NewBlockWithParent makes a new Block with prepared text, a Selector, and a parent.

func NewLinedBlock

func NewLinedBlock(ctx, txt, sel string, line int, _ *Info) Block

NewLinedBlock creates a Block with an already-known location.

type Info added in v2.28.3

type Info struct {
	Lang         string // Language of the file.
	Endpoint     string // API endpoint (optional); TODO: should this be per-file?
	Scope        string // The file's ext scope.
	Tagging      bool   // Does the file need POS tagging?
	Segmentation bool   // Does the file need sentence segmentation?
	Splitting    bool   // Does the file need paragraph splitting?

Info handles NLP-related tasks.

Assigning this on a per-file basis allows us to handle multi-language projects -- one file might be `en` while another is `ja`, for example.

func (*Info) Compute added in v2.28.3

func (n *Info) Compute(block *Block) ([]Block, error)

An NLP provider is a library to implements part-of-speech tagging, sentence segmentation, and word tokenization.

The default implementation is the pure-Go prose library, but the goal is to allow (fairly) seamless integration with non-Go libraries too (such as spaCy).

type IterTokenizer added in v2.28.3

type IterTokenizer struct {
	// contains filtered or unexported fields

IterTokenizer splits a sentence into words.

func NewIterTokenizer added in v2.18.0

func NewIterTokenizer(opts ...TokenizerOptFunc) *IterTokenizer

NewIterTokenizer creates a new iterTokenizer.
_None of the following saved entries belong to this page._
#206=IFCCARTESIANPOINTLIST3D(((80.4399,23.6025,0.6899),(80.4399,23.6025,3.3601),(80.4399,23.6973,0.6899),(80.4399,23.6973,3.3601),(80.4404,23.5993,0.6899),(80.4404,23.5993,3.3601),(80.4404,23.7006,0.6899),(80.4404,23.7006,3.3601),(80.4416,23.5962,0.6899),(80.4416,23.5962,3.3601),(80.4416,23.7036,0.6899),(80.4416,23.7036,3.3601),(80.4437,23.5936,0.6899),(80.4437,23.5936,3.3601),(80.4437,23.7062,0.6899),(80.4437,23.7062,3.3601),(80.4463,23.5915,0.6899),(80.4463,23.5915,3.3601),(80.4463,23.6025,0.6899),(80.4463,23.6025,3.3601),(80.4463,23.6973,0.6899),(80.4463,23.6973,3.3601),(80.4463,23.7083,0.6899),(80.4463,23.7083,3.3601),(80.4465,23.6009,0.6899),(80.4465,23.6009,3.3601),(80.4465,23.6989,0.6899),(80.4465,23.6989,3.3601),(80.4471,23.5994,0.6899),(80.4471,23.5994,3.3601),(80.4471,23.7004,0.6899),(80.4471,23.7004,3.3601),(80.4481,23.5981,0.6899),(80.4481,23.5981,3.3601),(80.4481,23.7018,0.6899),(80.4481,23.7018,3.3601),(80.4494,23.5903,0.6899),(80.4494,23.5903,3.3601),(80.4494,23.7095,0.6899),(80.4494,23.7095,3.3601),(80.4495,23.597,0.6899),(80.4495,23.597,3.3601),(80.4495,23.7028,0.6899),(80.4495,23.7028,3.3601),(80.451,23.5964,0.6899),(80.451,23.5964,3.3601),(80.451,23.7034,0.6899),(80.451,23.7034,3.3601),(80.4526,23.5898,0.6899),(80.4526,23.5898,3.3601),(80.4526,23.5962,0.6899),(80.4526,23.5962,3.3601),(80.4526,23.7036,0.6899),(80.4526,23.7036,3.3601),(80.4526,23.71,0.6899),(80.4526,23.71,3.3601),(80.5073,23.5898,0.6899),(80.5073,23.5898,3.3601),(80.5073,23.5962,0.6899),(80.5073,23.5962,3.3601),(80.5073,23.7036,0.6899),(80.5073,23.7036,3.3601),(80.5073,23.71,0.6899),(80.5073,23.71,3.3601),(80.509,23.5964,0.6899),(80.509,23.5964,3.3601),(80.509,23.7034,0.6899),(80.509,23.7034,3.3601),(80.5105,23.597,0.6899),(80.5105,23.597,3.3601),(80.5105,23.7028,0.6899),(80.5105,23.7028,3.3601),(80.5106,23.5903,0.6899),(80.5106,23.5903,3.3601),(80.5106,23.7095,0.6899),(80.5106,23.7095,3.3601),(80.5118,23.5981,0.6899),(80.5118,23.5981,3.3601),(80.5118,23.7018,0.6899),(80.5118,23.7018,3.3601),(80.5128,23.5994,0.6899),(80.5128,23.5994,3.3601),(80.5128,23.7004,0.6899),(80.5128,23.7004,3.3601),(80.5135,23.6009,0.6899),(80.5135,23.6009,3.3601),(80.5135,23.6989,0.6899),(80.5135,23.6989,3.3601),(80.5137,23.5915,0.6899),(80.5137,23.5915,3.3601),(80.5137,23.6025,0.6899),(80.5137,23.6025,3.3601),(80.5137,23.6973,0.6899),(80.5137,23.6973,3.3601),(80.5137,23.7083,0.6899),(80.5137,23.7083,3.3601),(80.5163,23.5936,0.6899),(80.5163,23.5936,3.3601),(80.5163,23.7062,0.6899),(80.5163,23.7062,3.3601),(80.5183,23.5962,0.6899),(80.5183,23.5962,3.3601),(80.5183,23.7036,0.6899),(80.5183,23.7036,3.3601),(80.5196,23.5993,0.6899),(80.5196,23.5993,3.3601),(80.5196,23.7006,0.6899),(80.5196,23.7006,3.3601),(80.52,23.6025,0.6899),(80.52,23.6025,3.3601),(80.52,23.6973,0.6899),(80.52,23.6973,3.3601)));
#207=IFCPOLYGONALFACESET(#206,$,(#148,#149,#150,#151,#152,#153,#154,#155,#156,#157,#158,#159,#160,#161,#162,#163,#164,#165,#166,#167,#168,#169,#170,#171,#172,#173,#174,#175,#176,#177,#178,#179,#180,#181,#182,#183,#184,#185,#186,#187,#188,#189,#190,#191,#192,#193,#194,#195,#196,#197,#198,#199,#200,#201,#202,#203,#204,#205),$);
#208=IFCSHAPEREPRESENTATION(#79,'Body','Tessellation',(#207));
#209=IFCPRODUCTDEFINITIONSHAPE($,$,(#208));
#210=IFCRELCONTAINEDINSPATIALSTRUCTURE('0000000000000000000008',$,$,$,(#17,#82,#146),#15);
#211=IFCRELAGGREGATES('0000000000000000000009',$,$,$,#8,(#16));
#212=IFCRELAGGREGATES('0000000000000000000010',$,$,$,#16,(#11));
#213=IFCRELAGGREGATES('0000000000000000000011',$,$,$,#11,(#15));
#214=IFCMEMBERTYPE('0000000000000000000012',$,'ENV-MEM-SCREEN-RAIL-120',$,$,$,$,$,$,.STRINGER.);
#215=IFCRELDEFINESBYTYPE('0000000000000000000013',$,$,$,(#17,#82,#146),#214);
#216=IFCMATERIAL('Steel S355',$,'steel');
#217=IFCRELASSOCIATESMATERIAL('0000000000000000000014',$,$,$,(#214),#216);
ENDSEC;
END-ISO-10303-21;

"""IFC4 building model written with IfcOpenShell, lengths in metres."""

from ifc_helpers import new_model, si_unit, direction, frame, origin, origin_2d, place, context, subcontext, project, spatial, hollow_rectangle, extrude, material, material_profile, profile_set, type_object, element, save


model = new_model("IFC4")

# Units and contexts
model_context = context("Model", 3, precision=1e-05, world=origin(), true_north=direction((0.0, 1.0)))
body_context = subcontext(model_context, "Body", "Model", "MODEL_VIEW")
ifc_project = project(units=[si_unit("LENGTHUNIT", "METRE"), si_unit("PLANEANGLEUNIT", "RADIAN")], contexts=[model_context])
func (*IterTokenizer) Tokenize added in v2.28.3

func (t *IterTokenizer) Tokenize(text string) []string

Tokenize splits a sentence into a slice of words.

type SegmentResult

type SegmentResult struct {
	Sents []string

type TagResult

type TagResult struct {
	Tokens []tag.Token

type TaggedWord

type TaggedWord struct {
	Token tag.Token
	Line  int
	Span  []int

TaggedWord is a word with an NLP context.

type TokenTester added in v2.18.0

type TokenTester func(string) bool

type Tokenizer added in v2.18.0

type Tokenizer interface {
	Tokenize(string) []string

type TokenizerOptFunc added in v2.18.0

type TokenizerOptFunc func(*IterTokenizer)
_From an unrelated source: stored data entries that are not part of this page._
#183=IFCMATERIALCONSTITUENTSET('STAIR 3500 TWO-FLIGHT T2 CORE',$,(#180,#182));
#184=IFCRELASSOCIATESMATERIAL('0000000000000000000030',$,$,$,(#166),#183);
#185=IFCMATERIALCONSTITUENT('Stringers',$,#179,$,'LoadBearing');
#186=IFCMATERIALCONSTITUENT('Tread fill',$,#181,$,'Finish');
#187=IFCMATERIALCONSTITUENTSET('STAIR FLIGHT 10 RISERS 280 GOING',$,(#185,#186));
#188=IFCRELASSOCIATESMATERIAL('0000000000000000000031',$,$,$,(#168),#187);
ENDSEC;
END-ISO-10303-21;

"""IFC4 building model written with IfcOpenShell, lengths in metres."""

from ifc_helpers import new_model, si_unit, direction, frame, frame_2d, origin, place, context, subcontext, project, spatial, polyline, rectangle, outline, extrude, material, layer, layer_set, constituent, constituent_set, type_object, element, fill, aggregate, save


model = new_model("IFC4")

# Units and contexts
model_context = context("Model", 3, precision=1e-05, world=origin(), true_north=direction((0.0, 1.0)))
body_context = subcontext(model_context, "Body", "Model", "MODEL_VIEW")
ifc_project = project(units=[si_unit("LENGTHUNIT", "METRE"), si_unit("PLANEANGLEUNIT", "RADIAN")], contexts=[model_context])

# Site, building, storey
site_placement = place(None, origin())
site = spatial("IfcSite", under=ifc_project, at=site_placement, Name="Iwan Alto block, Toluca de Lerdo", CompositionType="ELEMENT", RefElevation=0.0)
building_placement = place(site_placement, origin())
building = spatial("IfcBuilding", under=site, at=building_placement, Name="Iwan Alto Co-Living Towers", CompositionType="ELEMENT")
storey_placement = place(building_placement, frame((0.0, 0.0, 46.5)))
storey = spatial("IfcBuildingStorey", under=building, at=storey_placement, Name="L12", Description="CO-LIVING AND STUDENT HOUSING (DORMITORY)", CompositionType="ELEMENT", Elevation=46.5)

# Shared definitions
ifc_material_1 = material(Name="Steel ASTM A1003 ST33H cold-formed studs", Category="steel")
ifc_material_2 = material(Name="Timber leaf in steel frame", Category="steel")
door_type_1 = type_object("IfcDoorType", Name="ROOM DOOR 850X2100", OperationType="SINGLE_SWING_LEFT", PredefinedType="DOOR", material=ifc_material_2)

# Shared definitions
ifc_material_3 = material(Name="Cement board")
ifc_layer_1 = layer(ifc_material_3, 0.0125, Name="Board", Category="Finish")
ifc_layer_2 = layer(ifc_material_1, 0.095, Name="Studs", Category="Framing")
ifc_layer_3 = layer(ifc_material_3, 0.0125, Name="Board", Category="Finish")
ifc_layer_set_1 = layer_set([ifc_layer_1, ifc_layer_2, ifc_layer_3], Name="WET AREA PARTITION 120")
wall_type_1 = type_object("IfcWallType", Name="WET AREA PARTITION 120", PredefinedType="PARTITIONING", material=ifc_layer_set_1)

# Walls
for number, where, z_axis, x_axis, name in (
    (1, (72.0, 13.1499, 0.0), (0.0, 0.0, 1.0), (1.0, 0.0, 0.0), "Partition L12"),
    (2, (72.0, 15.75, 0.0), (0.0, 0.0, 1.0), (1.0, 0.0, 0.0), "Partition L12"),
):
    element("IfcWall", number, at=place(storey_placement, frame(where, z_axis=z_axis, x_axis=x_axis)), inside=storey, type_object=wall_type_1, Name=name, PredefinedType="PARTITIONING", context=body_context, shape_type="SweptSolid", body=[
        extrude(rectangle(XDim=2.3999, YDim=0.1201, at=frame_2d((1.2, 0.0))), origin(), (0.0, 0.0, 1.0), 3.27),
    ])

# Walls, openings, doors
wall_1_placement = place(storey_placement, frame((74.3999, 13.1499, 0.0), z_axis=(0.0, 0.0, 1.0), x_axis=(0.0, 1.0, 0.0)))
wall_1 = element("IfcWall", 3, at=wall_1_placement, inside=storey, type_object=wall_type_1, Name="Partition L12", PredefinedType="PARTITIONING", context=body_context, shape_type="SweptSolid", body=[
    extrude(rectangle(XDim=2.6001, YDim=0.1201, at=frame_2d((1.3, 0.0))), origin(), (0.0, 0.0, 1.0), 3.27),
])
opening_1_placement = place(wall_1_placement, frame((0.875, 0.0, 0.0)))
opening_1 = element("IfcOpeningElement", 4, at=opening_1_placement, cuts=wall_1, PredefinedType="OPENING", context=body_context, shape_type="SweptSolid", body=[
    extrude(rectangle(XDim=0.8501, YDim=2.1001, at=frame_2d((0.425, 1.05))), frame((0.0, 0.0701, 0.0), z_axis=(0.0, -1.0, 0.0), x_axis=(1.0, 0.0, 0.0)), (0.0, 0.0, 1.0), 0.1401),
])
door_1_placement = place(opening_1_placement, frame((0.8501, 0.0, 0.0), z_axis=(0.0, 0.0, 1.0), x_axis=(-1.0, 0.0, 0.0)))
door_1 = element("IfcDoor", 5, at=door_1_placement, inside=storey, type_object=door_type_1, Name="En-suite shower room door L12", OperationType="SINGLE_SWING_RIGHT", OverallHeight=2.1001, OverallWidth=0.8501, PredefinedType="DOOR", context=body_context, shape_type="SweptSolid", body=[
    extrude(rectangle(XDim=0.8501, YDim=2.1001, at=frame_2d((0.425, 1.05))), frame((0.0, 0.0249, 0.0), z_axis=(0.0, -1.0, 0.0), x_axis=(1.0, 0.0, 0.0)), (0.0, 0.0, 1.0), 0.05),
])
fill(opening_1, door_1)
func UsingContractions added in v2.18.0

func UsingContractions(x []string) TokenizerOptFunc

UsingContractions sets the provided contractions.

func UsingEmoticons added in v2.18.0

func UsingEmoticons(x map[string]int) TokenizerOptFunc

UsingEmoticons sets the provided map of emoticons.
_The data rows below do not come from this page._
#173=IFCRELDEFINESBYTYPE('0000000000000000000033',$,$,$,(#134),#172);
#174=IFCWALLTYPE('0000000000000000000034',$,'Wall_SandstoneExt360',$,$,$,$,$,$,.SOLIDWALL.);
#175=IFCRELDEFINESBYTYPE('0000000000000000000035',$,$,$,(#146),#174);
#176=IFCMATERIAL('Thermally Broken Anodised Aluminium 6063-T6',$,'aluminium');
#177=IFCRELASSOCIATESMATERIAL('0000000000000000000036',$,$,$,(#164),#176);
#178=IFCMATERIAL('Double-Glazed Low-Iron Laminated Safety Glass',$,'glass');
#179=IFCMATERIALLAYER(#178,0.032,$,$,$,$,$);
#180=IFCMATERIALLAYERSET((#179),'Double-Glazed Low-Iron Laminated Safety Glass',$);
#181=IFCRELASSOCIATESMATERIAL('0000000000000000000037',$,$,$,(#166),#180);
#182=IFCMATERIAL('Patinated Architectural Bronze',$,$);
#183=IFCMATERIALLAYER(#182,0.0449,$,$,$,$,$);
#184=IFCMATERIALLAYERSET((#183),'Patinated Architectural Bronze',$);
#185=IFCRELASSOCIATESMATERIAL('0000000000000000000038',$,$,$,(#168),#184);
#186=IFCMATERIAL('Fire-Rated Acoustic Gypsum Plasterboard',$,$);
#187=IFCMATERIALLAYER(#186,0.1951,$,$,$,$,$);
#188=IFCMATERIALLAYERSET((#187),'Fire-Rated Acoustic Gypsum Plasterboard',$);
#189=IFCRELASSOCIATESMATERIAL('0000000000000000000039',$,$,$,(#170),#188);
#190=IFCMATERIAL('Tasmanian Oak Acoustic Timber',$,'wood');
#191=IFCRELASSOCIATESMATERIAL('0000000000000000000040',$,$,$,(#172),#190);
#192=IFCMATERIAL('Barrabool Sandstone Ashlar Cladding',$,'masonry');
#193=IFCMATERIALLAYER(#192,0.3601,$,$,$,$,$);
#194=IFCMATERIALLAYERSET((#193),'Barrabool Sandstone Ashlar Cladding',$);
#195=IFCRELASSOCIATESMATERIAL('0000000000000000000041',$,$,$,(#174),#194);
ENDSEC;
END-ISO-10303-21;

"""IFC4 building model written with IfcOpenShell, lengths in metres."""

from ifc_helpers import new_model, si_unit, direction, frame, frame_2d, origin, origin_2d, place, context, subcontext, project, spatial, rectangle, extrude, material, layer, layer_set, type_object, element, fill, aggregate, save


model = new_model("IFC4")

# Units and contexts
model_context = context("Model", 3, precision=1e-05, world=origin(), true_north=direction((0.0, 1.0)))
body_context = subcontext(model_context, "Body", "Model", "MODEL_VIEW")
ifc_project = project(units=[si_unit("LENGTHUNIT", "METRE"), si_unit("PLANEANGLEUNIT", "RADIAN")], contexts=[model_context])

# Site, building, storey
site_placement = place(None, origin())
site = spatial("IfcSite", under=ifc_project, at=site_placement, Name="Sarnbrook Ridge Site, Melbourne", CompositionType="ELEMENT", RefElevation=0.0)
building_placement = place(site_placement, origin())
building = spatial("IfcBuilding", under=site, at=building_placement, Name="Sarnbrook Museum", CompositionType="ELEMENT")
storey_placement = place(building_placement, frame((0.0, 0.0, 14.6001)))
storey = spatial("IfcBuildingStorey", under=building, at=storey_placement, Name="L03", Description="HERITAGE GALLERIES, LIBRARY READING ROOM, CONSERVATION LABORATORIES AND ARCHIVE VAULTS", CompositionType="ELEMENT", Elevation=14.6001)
func UsingIsUnsplittable added in v2.18.0

func UsingIsUnsplittable(x TokenTester) TokenizerOptFunc

UsingIsUnsplittable gives a function that tests whether a token is splittable or not.

func UsingPrefixes added in v2.18.0

func UsingPrefixes(x []string) TokenizerOptFunc

UsingPrefixes sets the provided prefixes.

func UsingSanitizer added in v2.18.0

func UsingSanitizer(x *strings.Replacer) TokenizerOptFunc

UsingSanitizer sets the provided sanitizer.

func UsingSpecialRE added in v2.18.0

func UsingSpecialRE(x *regexp.Regexp) TokenizerOptFunc

UsingSpecialRE sets the provided special regex for unsplittable tokens.

func UsingSplitCases added in v2.18.0

func UsingSplitCases(x []string) TokenizerOptFunc

UsingSplitCases sets the provided splitCases.

func UsingSuffixes added in v2.18.0

func UsingSuffixes(x []string) TokenizerOptFunc

UsingSuffixes sets the provided suffixes.